Metadata Distribution

Welcome to the realm of Metadata Distribution within the EGA ecosystem!

Our Metadata REST API empowers you to effortlessly retrieve metadata from the expansive landscape of EGA. By utilising this API, you gain access to publicly available insights across various EGA domains, including studies, samples, experiments, runs, analyses, policies, DACs, and datasets. Furthermore, this API facilitates cross-referencing of objects, enabling you to gather, for example, all the datasets associated with a specific DAC, seamlessly.

In addition, we have added the ability to query private data using the metadata API. If you possess the necessary permissions, you can access behind-the-login private data for a specified list of datasets.

Metadata Distribution Index

Identifiers

Dataset Mappings

Website Download

Metadata API - Private

Identifiers

At the core of EGA's organisational structure are unique accessions that serve as essential tags for our diverse objects. Here's a quick overview of the accessions and their corresponding object types:

EGA Accession ID	EGA Object description
EGAS	EGA Study Accession ID
EGAC	EGA DAC Accession ID
EGAP	EGA Policy Accession ID
EGAN	EGA Sample Accession ID
EGAR	EGA Run Accession ID
EGAX	EGA Experiment ID
EGAZ	EGA Analysis Accession ID
EGAD	EGA Dataset Accession ID
EGAB	EGA Submission ID
EGAF	EGA File Unique Accession ID

For further information check our metadata schema documentation.

Dataset Mappings

For authorised datasets, comprehensive mappings reveal meaningful connections:

Sample_file: This file presents information about the linkage between samples and files available in the dataset.
Study_experiment_run_sample: This file presents information about the linkage between studies, experiments, runs, and samples within the dataset.
Study_analysis_sample: This file presents information about the linkage between studies, analyses, and samples contained within the dataset.
Run_sample: This file presents information about the linkage between runs and samples within the dataset.
Analysis_sample: This file presents information about the linkage between analyses and samples within the dataset.

An empty file indicates the absence of corresponding information.

Website Download

Our website serves as your gateway to downloading metadata. Simply navigate to the dataset page, and you'll find a blue Metadata button. Once authenticated, you can click this button for authorised datasets. If you lack permissions for a particular dataset, request access by clicking the 'Request Access' button.

Metadata button displayed on EGA dataset page

For authorised datasets, choose your preferred metadata format: CSV, TSV, or JSON.

Metadata API - Private

Leverage the power of programmatic metadata downloads! Start by authenticating yourself with your credentials to obtain an access token. With this token, programmatically query private information.

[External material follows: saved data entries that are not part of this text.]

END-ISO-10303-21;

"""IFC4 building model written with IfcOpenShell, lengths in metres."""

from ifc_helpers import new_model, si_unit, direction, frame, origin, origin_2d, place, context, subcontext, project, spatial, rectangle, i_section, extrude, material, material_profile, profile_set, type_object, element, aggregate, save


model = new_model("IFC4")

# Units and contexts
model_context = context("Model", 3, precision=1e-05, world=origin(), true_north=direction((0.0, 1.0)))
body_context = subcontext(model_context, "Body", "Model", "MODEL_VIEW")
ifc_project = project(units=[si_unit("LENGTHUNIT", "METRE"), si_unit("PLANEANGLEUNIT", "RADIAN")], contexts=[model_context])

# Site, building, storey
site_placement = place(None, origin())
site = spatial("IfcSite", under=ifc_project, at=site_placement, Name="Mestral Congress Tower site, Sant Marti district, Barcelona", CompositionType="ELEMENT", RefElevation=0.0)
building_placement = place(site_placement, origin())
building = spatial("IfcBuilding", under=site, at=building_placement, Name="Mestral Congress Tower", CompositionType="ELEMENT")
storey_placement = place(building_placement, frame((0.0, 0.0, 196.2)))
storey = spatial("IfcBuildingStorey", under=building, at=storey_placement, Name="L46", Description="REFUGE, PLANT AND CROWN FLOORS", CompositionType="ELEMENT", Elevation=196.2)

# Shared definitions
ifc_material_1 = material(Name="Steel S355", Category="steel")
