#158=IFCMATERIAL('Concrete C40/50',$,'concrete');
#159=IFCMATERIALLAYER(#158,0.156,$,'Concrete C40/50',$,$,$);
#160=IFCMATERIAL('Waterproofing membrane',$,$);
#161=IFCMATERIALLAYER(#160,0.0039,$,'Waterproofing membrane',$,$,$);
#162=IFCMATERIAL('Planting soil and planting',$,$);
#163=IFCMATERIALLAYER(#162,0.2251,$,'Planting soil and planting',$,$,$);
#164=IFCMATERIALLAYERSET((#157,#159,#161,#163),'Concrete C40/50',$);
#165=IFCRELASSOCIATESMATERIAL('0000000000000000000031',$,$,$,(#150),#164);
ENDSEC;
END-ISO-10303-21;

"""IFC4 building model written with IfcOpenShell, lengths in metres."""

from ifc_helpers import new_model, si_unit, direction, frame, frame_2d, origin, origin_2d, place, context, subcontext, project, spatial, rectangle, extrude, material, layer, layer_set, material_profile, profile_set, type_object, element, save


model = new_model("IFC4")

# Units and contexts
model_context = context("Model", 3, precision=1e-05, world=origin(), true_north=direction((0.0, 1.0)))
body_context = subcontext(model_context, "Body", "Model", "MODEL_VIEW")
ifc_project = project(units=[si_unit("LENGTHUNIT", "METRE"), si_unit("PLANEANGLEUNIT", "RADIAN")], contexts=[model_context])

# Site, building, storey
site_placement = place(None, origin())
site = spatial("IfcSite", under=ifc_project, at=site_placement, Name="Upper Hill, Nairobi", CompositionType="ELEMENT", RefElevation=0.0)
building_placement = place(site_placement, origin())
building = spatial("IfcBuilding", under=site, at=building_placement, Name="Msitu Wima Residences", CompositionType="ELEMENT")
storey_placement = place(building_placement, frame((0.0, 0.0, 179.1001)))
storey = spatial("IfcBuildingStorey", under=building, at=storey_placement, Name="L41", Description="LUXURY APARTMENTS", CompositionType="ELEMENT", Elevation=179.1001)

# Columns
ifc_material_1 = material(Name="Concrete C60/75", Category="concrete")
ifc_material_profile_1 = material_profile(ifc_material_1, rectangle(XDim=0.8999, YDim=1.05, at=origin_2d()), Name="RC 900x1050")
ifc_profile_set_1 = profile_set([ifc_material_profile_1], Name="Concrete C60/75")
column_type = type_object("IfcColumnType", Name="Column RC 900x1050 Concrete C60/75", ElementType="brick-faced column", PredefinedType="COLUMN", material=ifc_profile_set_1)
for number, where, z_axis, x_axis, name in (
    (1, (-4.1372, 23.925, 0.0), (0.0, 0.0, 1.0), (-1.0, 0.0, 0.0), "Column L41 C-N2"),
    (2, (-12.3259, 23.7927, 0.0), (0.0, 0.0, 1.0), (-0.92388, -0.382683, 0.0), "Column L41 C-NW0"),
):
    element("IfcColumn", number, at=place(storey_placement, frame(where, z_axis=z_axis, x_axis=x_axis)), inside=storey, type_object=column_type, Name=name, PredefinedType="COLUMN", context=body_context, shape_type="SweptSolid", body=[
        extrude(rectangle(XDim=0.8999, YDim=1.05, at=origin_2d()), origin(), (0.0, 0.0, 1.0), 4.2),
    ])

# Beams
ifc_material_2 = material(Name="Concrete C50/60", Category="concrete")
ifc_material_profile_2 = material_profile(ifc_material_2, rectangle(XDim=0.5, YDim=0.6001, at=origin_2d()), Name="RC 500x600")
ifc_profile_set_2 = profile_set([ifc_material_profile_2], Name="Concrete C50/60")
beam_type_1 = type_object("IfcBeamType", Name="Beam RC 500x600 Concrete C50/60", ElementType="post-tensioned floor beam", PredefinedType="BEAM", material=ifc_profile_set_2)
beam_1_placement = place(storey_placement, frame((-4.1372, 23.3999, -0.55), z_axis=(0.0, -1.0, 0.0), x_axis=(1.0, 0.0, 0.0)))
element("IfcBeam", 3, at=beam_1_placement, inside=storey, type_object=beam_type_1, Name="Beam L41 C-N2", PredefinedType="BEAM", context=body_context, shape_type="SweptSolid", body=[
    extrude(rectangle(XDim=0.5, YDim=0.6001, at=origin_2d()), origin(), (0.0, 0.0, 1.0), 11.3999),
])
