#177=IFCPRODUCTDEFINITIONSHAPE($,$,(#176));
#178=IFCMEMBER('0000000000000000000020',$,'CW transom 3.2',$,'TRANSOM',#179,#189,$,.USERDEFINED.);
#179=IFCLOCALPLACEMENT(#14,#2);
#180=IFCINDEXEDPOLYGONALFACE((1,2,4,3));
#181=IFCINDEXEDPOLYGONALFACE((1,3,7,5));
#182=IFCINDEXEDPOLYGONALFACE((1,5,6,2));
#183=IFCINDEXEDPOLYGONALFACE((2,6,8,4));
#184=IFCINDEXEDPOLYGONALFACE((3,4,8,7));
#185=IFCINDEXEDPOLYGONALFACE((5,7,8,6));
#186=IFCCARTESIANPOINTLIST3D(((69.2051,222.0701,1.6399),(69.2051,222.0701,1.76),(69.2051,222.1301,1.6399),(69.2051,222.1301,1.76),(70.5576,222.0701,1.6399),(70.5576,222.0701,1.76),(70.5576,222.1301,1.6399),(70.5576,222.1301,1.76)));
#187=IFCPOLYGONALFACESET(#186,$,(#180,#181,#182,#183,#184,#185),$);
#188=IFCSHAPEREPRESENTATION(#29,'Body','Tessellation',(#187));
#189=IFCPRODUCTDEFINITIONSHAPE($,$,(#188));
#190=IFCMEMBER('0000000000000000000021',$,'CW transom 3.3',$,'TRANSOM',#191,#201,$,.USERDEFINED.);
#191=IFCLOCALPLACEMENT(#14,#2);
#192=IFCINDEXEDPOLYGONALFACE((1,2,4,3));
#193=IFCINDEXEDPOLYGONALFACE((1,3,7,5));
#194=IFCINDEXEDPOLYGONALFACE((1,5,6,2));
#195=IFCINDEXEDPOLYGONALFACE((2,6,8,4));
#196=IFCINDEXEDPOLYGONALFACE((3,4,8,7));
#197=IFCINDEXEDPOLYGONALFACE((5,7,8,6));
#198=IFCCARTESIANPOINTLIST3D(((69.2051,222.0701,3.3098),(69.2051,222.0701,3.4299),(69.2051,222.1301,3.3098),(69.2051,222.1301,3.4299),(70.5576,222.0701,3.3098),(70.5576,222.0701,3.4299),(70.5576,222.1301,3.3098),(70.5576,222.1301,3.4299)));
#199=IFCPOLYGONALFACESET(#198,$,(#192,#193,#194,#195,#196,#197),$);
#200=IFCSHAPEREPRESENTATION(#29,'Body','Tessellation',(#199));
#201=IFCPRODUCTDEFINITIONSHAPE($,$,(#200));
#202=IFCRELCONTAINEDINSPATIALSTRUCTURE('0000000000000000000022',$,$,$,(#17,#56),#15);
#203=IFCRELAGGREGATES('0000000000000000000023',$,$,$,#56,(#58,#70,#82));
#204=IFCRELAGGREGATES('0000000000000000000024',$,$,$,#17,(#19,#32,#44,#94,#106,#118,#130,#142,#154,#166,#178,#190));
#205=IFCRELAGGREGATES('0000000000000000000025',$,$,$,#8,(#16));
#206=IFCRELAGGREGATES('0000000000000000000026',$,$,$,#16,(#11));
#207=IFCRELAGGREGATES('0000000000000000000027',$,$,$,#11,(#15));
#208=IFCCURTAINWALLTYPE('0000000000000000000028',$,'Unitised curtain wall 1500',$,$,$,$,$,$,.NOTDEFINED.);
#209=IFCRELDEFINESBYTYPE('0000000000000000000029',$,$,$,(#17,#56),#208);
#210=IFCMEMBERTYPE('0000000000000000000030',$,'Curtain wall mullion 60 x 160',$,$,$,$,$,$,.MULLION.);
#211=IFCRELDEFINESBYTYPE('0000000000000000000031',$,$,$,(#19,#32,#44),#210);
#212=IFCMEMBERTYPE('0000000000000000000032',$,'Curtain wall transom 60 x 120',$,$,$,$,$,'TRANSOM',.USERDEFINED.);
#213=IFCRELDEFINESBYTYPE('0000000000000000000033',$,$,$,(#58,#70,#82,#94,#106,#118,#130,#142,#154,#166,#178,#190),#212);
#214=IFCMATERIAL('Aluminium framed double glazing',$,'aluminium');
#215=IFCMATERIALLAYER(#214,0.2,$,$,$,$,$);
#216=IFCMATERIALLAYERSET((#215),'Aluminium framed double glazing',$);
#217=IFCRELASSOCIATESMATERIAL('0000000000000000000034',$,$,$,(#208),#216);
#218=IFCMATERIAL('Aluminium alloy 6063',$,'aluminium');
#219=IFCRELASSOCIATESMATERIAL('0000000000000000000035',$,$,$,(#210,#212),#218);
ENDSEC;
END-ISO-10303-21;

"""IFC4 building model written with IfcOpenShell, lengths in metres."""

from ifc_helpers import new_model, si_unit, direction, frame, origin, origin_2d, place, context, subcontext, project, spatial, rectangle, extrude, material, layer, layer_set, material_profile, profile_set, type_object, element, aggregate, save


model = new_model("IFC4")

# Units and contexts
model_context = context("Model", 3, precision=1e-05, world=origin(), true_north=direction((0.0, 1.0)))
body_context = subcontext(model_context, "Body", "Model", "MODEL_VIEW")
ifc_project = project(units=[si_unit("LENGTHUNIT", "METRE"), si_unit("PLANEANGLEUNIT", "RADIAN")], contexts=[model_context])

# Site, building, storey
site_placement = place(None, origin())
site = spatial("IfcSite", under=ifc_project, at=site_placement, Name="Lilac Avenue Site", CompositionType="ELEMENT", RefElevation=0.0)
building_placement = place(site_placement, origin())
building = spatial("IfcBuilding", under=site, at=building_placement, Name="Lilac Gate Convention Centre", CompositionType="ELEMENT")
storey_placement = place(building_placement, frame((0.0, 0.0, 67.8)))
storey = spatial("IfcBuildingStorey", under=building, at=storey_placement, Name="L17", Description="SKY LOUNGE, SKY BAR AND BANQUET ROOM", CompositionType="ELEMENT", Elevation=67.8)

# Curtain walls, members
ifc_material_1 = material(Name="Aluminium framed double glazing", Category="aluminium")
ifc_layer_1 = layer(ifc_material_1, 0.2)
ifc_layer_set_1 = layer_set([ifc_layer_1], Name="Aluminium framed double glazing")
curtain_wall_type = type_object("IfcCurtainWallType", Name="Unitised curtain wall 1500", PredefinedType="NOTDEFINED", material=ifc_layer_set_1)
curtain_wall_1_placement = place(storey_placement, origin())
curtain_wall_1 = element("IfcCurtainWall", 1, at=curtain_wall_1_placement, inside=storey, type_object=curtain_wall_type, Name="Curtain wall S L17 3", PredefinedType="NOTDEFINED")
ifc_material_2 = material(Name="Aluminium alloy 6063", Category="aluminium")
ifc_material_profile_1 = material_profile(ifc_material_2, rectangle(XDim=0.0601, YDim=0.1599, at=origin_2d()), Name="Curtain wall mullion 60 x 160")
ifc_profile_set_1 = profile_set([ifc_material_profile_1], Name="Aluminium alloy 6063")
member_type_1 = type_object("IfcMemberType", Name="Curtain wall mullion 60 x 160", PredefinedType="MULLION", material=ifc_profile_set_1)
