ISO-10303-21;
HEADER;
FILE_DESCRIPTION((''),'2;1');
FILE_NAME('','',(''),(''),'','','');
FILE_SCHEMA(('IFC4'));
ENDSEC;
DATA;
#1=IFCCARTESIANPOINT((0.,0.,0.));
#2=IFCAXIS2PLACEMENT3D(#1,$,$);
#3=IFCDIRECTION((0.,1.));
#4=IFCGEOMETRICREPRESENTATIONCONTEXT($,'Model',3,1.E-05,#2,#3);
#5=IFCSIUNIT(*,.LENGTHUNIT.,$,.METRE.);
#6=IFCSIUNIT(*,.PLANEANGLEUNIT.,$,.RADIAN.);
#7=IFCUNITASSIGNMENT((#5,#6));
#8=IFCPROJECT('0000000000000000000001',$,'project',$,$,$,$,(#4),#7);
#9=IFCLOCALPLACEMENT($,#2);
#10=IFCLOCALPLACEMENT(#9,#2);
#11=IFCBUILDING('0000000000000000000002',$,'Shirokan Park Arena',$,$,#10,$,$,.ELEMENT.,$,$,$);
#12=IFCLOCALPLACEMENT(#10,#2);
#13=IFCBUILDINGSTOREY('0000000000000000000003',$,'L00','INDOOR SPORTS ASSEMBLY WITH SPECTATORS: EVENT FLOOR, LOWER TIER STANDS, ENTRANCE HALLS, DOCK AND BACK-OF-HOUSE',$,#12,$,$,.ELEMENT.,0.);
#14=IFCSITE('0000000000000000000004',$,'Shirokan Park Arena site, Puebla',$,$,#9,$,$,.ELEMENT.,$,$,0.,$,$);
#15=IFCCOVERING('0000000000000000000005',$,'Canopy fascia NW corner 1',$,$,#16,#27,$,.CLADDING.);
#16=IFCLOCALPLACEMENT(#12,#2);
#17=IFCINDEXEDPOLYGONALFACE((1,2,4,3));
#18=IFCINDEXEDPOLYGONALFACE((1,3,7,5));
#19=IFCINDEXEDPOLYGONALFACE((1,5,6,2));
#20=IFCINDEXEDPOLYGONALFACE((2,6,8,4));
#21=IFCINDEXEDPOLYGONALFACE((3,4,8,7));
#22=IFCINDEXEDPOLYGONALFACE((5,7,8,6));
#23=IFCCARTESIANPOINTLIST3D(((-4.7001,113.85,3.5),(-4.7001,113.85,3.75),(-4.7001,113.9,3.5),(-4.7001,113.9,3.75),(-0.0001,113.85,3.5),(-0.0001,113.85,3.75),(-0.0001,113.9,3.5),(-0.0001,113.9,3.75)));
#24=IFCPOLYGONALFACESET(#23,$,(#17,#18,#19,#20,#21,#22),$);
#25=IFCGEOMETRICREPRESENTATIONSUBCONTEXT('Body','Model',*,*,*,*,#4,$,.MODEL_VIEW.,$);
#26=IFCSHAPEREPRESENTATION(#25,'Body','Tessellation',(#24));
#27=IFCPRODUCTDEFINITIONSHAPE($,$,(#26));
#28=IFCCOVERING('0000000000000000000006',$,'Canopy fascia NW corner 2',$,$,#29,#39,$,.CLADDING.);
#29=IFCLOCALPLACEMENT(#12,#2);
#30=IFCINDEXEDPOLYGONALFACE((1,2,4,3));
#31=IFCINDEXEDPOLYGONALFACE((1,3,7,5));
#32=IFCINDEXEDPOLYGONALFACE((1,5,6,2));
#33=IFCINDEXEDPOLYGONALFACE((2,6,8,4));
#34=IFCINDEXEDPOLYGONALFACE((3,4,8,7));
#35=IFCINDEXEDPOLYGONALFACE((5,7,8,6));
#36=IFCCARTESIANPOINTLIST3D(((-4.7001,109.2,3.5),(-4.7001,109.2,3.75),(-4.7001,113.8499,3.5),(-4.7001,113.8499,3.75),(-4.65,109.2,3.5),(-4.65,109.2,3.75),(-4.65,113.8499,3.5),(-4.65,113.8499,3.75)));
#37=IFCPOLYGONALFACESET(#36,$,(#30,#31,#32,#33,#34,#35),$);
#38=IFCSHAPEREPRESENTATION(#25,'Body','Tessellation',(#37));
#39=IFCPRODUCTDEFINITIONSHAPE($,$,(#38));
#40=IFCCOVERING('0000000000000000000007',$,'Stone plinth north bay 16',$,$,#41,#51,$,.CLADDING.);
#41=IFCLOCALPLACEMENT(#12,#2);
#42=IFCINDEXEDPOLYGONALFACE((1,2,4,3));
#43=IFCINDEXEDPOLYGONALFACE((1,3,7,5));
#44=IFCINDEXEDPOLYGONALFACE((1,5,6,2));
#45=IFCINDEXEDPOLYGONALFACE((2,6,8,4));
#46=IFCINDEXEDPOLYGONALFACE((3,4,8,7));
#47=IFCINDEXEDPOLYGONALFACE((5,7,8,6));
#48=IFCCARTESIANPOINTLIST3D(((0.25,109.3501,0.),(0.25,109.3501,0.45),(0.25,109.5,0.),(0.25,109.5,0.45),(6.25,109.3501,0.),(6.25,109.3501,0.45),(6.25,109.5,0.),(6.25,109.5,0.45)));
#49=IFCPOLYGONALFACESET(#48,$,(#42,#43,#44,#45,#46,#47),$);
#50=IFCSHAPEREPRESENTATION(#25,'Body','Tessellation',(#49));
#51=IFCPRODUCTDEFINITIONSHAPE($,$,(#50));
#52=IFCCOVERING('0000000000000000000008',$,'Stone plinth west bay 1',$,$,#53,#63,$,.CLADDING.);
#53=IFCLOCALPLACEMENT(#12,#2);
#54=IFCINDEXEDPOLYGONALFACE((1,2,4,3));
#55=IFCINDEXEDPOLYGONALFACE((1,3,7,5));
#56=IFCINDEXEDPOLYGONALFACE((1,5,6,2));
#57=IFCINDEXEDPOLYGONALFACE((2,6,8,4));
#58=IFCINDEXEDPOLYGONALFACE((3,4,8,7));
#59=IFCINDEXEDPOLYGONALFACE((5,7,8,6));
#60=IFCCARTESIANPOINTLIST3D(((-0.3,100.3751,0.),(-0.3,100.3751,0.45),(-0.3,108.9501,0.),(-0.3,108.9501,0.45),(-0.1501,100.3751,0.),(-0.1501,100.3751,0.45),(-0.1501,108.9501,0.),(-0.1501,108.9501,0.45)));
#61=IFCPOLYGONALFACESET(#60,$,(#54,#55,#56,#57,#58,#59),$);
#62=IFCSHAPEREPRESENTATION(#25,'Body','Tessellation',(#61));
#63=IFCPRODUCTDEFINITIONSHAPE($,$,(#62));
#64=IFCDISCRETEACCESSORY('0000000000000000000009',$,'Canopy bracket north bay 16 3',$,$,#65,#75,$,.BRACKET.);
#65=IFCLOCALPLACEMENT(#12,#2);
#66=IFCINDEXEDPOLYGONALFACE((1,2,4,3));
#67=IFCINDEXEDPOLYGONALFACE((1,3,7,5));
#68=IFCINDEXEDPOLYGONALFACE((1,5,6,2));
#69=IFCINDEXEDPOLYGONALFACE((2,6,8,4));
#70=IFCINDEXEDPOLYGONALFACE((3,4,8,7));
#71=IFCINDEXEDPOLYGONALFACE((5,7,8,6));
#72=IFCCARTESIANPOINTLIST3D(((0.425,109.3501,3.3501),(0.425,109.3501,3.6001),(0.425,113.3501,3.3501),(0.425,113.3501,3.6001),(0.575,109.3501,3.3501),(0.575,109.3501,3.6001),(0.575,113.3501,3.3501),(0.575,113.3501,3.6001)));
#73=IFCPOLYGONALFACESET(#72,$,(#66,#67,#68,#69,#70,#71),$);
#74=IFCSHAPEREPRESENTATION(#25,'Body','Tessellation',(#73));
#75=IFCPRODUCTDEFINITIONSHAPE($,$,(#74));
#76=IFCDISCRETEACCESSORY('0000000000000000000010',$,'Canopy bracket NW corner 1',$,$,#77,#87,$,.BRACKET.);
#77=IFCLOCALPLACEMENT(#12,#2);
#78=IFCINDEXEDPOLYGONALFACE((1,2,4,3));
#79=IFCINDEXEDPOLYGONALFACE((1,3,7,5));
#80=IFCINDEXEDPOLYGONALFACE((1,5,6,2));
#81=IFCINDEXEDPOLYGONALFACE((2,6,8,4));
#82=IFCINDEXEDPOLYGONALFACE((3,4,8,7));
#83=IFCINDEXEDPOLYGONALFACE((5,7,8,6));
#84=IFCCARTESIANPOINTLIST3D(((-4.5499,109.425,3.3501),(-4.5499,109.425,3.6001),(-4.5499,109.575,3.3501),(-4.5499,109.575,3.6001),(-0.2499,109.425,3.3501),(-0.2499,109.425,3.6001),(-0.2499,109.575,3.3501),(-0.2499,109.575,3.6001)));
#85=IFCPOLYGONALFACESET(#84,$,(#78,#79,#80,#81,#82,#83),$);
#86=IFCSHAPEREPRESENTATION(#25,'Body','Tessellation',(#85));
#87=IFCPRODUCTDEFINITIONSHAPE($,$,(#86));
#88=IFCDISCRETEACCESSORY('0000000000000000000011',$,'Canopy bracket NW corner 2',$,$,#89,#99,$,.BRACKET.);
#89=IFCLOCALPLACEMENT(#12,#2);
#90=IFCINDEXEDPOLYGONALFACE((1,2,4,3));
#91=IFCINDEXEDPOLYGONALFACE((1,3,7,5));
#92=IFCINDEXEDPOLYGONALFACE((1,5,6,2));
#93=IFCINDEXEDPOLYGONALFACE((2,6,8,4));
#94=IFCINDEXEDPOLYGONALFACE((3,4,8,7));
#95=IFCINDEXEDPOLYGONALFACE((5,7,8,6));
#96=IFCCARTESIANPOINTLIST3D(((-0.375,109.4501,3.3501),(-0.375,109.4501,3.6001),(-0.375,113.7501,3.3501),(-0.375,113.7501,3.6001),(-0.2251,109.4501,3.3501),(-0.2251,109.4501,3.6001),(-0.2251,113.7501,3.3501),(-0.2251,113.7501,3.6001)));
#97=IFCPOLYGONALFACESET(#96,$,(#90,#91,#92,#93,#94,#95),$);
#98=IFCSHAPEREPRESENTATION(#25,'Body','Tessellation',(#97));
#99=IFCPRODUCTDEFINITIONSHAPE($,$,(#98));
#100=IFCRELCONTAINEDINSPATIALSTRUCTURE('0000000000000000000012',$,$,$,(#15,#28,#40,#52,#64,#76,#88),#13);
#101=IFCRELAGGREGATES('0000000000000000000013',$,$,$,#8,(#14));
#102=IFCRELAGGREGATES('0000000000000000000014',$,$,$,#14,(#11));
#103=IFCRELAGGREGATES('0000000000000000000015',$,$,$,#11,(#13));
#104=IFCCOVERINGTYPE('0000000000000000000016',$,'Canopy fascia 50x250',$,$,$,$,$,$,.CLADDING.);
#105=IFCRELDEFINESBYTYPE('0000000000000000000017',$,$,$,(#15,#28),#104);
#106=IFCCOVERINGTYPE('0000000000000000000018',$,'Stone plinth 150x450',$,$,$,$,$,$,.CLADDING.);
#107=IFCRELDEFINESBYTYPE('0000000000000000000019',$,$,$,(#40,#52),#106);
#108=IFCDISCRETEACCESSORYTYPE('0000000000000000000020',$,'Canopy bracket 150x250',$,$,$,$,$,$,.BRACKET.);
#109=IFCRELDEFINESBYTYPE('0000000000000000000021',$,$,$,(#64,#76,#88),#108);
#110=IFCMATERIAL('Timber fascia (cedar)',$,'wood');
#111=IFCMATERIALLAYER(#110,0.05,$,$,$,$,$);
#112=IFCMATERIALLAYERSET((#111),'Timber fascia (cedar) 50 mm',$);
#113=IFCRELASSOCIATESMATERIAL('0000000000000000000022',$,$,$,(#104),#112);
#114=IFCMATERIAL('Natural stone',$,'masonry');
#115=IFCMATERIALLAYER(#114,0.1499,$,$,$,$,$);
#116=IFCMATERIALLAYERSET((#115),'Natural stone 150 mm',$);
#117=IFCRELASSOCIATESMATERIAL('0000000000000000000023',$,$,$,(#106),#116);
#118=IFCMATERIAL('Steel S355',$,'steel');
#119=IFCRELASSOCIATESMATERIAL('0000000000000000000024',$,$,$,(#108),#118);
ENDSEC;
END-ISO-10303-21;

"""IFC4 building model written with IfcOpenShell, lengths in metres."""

from ifc_helpers import new_model, si_unit, direction, frame, origin, origin_2d, place, context, subcontext, project, spatial, rectangle, extrude, material, layer, layer_set, type_object, element, save


model = new_model("IFC4")

# Units and contexts
model_context = context("Model", 3, precision=1e-05, world=origin(), true_north=direction((0.0, 1.0)))
body_context = subcontext(model_context, "Body", "Model", "MODEL_VIEW")
ifc_project = project(units=[si_unit("LENGTHUNIT", "METRE"), si_unit("PLANEANGLEUNIT", "RADIAN")], contexts=[model_context])

# Site, building, storey
site_placement = place(None, origin())
site = spatial("IfcSite", under=ifc_project, at=site_placement, Name="Shirokan Park Arena site, Puebla", CompositionType="ELEMENT", RefElevation=0.0)
building_placement = place(site_placement, origin())
building = spatial("IfcBuilding", under=site, at=building_placement, Name="Shirokan Park Arena", CompositionType="ELEMENT")
storey_placement = place(building_placement, origin())
storey = spatial("IfcBuildingStorey", under=building, at=storey_placement, Name="L00", Description="INDOOR SPORTS ASSEMBLY WITH SPECTATORS: EVENT FLOOR, LOWER TIER STANDS, ENTRANCE HALLS, DOCK AND BACK-OF-HOUSE", CompositionType="ELEMENT", Elevation=0.0)

# Shared definitions
ifc_material_1 = material(Name="Steel S355", Category="steel")

# Coverings
ifc_material_2 = material(Name="Timber fascia (cedar)", Category="wood")
ifc_layer_1 = layer(ifc_material_2, 0.05)
ifc_layer_set_1 = layer_set([ifc_layer_1], Name="Timber fascia (cedar) 50 mm")
covering_type_1 = type_object("IfcCoveringType", Name="Canopy fascia 50x250", PredefinedType="CLADDING", material=ifc_layer_set_1)
covering_1_placement = place(storey_placement, frame((-2.3501, 113.875, 3.5), z_axis=(0.0, 0.0, 1.0), x_axis=(1.0, 0.0, 0.0)))
element("IfcCovering", 1, at=covering_1_placement, inside=storey, type_object=covering_type_1, Name="Canopy fascia NW corner 1", PredefinedType="CLADDING", context=body_context, shape_type="SweptSolid", body=[
    extrude(rectangle(XDim=4.7, YDim=0.05, at=origin_2d()), origin(), (0.0, 0.0, 1.0), 0.25),
])
covering_2_placement = place(storey_placement, frame((-4.675, 111.5249, 3.5), z_axis=(0.0, 0.0, 1.0), x_axis=(1.0, 0.0, 0.0)))
element("IfcCovering", 2, at=covering_2_placement, inside=storey, type_object=covering_type_1, Name="Canopy fascia NW corner 2", PredefinedType="CLADDING", context=body_context, shape_type="SweptSolid", body=[
    extrude(rectangle(XDim=0.05, YDim=4.6499, at=origin_2d()), origin(), (0.0, 0.0, 1.0), 0.25),
])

Queries mirror the structure of the Public Metadata API. However, behind the login, you can delve into specific mapping information (as mentioned above in dataset mappings) alongside object-level exploration.

Authentication

An active session is required to work with the API. Each time you log in with your credentials a new session is started, which is identified by an access_token. Below an example on how to obtain one using curl:

  curl https://idp.ega-archive.org/realms/EGA/protocol/openid-connect/token \
  -d 'client_id=metadata-api' \
  -d 'username=...' \
  -d 'password=...' \
  -d 'grant_type=password'

All responses from the API are in JSON format. A successful response should include a new token to be used for the session:

  {"access_token":"eyJhbGciOiJSUzI1NiIsInR5cCIgOiA...TNw",
  "expires_in":300,
  "refresh_expires_in":1800,
  "refresh_token":"eyJhbGciOiJIUzI1NiIsInR5cCIgOiA...pTX10",
  "token_type":"Bearer",
  ...
  }

Save the access_token value and include it in the API call headers.

Example query usage

Below you can find some example of queries available behing authentication and authorisation.

Querying study-experiment-run-sample mappings:

  curl https://metadata.ega-archive.org/datasets/{datasetID}/mappings/study_experiment_run_sample \
  -H 'Authorization: Bearer access_token'

Querying run-sample mappings:

  curl https://metadata.ega-archive.org/datasets/{datasetID}/mappings/run_sample \ 
  -H 'Authorization: Bearer access_token'

Querying study-analysis-sample mappings:

  curl https://metadata.ega-archive.org/datasets/{datasetID}/mappings/study_analysis_sample \
  -H 'Authorization: Bearer access_token'

Querying analysis-sample mappings:

  curl https://metadata.ega-archive.org/datasets/{datasetID}/mappings/analysis_sample \
  -H 'Authorization: Bearer access_token'

Querying sample-file mappings:

  curl https://metadata.ega-archive.org/datasets/{datasetID}/mappings/sample_file \
  -H 'Authorization: Bearer access_token'

You can get a different output format by adding one of these options to the curl command:

  -H 'Accept: text/tsv'
  -H 'Accept: application/json'
  -H 'Accept: text/csv'

For more detailed information, refer to the Metadata API Specification.